**⭐ 1. What This Pattern Solves**

Aggregates data over one or more columns. Used for summarizing, reporting, and pre-aggregating data.

Use cases:

Total sales per customer

Average session duration per day

Maximum/minimum order amount per region

Pre-aggregating before writing to Delta/S3

**⭐ 2. SQL Equivalent**

In [0]:
%sql
-- SQL version
SELECT CustomerID, SUM(TotalAmount) AS TotalSpent
FROM Orders
GROUP BY CustomerID;


**⭐ 3. Core Idea**

groupBy defines the grouping key(s), and agg specifies aggregate(s) to compute. PySpark allows multiple aggregates and chaining with functions from pyspark.sql.functions.
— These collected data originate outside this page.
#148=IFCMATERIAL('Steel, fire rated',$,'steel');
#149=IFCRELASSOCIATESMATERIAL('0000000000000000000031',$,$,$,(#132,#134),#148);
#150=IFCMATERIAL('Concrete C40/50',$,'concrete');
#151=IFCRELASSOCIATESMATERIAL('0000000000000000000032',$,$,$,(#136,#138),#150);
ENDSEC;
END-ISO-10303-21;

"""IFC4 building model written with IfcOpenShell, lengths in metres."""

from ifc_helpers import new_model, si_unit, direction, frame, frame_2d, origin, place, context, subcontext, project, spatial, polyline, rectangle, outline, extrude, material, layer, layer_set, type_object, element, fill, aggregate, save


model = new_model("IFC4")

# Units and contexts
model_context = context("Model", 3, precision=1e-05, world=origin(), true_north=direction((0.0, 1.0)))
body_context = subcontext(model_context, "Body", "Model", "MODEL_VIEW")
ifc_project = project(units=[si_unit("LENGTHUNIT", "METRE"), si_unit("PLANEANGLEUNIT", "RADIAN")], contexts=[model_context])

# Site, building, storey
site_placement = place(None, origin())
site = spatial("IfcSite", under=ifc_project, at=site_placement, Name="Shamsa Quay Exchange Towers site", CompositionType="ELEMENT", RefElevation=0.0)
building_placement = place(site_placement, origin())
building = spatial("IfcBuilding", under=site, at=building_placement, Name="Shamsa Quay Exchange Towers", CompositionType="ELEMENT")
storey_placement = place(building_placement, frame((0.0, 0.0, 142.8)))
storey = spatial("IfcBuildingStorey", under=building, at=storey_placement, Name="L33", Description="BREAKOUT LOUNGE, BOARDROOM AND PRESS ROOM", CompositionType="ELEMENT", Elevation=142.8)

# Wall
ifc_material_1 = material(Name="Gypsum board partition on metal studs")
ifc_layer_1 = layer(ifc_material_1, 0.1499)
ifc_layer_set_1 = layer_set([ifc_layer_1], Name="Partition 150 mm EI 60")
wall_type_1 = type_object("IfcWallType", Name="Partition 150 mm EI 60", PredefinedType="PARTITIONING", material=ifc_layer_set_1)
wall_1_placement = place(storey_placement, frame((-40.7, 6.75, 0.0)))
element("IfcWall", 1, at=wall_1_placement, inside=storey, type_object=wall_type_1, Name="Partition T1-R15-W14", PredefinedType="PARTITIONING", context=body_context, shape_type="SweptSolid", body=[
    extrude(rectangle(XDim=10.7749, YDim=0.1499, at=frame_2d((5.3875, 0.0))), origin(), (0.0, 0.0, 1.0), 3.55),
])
**⭐ 4. Template Code (MEMORIZE THIS)**

In [0]:
from pyspark.sql import functions as F

# Single or multiple aggregates
df.groupBy("col1", "col2") \
  .agg(
      F.sum("metric1").alias("sum_metric1"),
      F.avg("metric2").alias("avg_metric2")
  )

**⭐ 5. Detailed Example**

In [0]:
from pyspark.sql import SparkSession
from pyspark.sql import functions as F

spark = SparkSession.builder.getOrCreate()

data = [
    ("Alice", "2025-01-01", 100),
    ("Alice", "2025-01-02", 150),
    ("Bob", "2025-01-01", 200),
    ("Bob", "2025-01-02", 50)
]

df = spark.createDataFrame(data, ["Customer", "Date", "Amount"])

# Aggregate
result = df.groupBy("Customer").agg(
    F.sum("Amount").alias("TotalAmount"),
    F.avg("Amount").alias("AvgAmount")
)

result.show()


In [0]:
+--------+-----------+---------+
|Customer|TotalAmount|AvgAmount|
+--------+-----------+---------+
|Alice   |        250|    125.0|
|Bob     |        250|    125.0|
+--------+-----------+---------+


**⭐ 6. Mini Practice Problems**

Find total and average order amount per Region.
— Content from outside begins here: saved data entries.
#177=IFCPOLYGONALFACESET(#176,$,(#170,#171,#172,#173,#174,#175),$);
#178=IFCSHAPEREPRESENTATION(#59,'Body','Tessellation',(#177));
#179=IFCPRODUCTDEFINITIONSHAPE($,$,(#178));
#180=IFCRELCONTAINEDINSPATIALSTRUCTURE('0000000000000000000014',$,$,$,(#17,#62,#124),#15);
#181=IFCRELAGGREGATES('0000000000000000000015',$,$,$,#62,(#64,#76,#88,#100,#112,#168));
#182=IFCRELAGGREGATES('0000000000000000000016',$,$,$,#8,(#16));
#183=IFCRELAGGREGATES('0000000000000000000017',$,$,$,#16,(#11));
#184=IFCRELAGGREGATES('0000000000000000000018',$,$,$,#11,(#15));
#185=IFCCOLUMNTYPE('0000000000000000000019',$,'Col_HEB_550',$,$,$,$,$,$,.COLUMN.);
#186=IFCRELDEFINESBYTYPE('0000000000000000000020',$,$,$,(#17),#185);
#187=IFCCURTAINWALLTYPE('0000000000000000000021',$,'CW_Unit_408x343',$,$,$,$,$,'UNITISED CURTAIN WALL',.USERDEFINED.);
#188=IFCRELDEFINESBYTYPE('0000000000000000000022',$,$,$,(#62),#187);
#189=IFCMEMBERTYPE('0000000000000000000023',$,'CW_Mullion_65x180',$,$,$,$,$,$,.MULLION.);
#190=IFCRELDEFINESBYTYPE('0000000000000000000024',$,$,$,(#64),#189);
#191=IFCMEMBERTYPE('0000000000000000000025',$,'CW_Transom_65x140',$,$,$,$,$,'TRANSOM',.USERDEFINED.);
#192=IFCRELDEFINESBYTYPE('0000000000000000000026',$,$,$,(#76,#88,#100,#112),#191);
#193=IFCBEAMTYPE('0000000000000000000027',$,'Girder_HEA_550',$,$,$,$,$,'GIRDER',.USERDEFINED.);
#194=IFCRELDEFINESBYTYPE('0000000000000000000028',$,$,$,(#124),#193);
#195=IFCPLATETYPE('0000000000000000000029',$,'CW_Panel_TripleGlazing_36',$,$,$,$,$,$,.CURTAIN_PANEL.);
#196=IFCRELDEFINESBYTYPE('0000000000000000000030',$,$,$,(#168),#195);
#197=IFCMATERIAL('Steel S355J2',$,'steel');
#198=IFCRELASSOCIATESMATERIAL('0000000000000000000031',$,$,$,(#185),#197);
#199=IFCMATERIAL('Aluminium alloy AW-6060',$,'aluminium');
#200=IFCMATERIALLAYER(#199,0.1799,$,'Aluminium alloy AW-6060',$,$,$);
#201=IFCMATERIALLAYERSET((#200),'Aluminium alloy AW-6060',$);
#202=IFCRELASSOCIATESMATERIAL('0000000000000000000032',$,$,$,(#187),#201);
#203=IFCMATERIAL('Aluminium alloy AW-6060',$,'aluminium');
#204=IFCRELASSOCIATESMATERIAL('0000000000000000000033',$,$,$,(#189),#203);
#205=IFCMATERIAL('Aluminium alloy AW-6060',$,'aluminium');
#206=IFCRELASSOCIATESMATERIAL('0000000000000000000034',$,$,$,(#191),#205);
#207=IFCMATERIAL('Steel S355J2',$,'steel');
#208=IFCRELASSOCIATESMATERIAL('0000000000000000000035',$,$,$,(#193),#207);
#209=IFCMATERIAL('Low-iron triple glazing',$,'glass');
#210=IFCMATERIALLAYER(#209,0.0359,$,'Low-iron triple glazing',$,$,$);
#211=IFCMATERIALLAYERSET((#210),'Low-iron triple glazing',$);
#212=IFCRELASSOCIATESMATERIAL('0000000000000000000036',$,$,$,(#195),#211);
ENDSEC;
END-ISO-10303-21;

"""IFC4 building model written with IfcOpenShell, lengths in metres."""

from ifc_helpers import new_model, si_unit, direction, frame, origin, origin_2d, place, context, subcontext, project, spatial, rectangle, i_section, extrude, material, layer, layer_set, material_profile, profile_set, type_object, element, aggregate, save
Count number of orders per Customer.

Find max and min TransactionAmount per Day.

**⭐ 7. Full Data Engineering Problem**

Scenario: You have a Bronze sales dataset in S3 with CustomerID, OrderDate, Amount. You need to create a Silver aggregate table showing daily total and average sales per customer.

Steps:

Read Bronze CSV/Parquet.

Use groupBy("CustomerID", "OrderDate").

Compute sum and avg.

Write aggregated table to Delta as Silver.

This is exactly what a real DE pipeline does daily for reporting.

**⭐ 8. Time & Space Complexity**

Time: O(n) over the number of rows (Spark distributes groups across nodes).

Space: Depends on the number of unique group keys. Wide cardinality → more memory needed.

**⭐ 9. Common Pitfalls**

Forgetting .alias() → unclear column names.

Using Python built-ins (e.g., sum) instead of F.sum → Spark cannot optimize.

Grouping on too many high-cardinality columns → driver memory issues.

Forgetting to cache if the result is reused multiple times.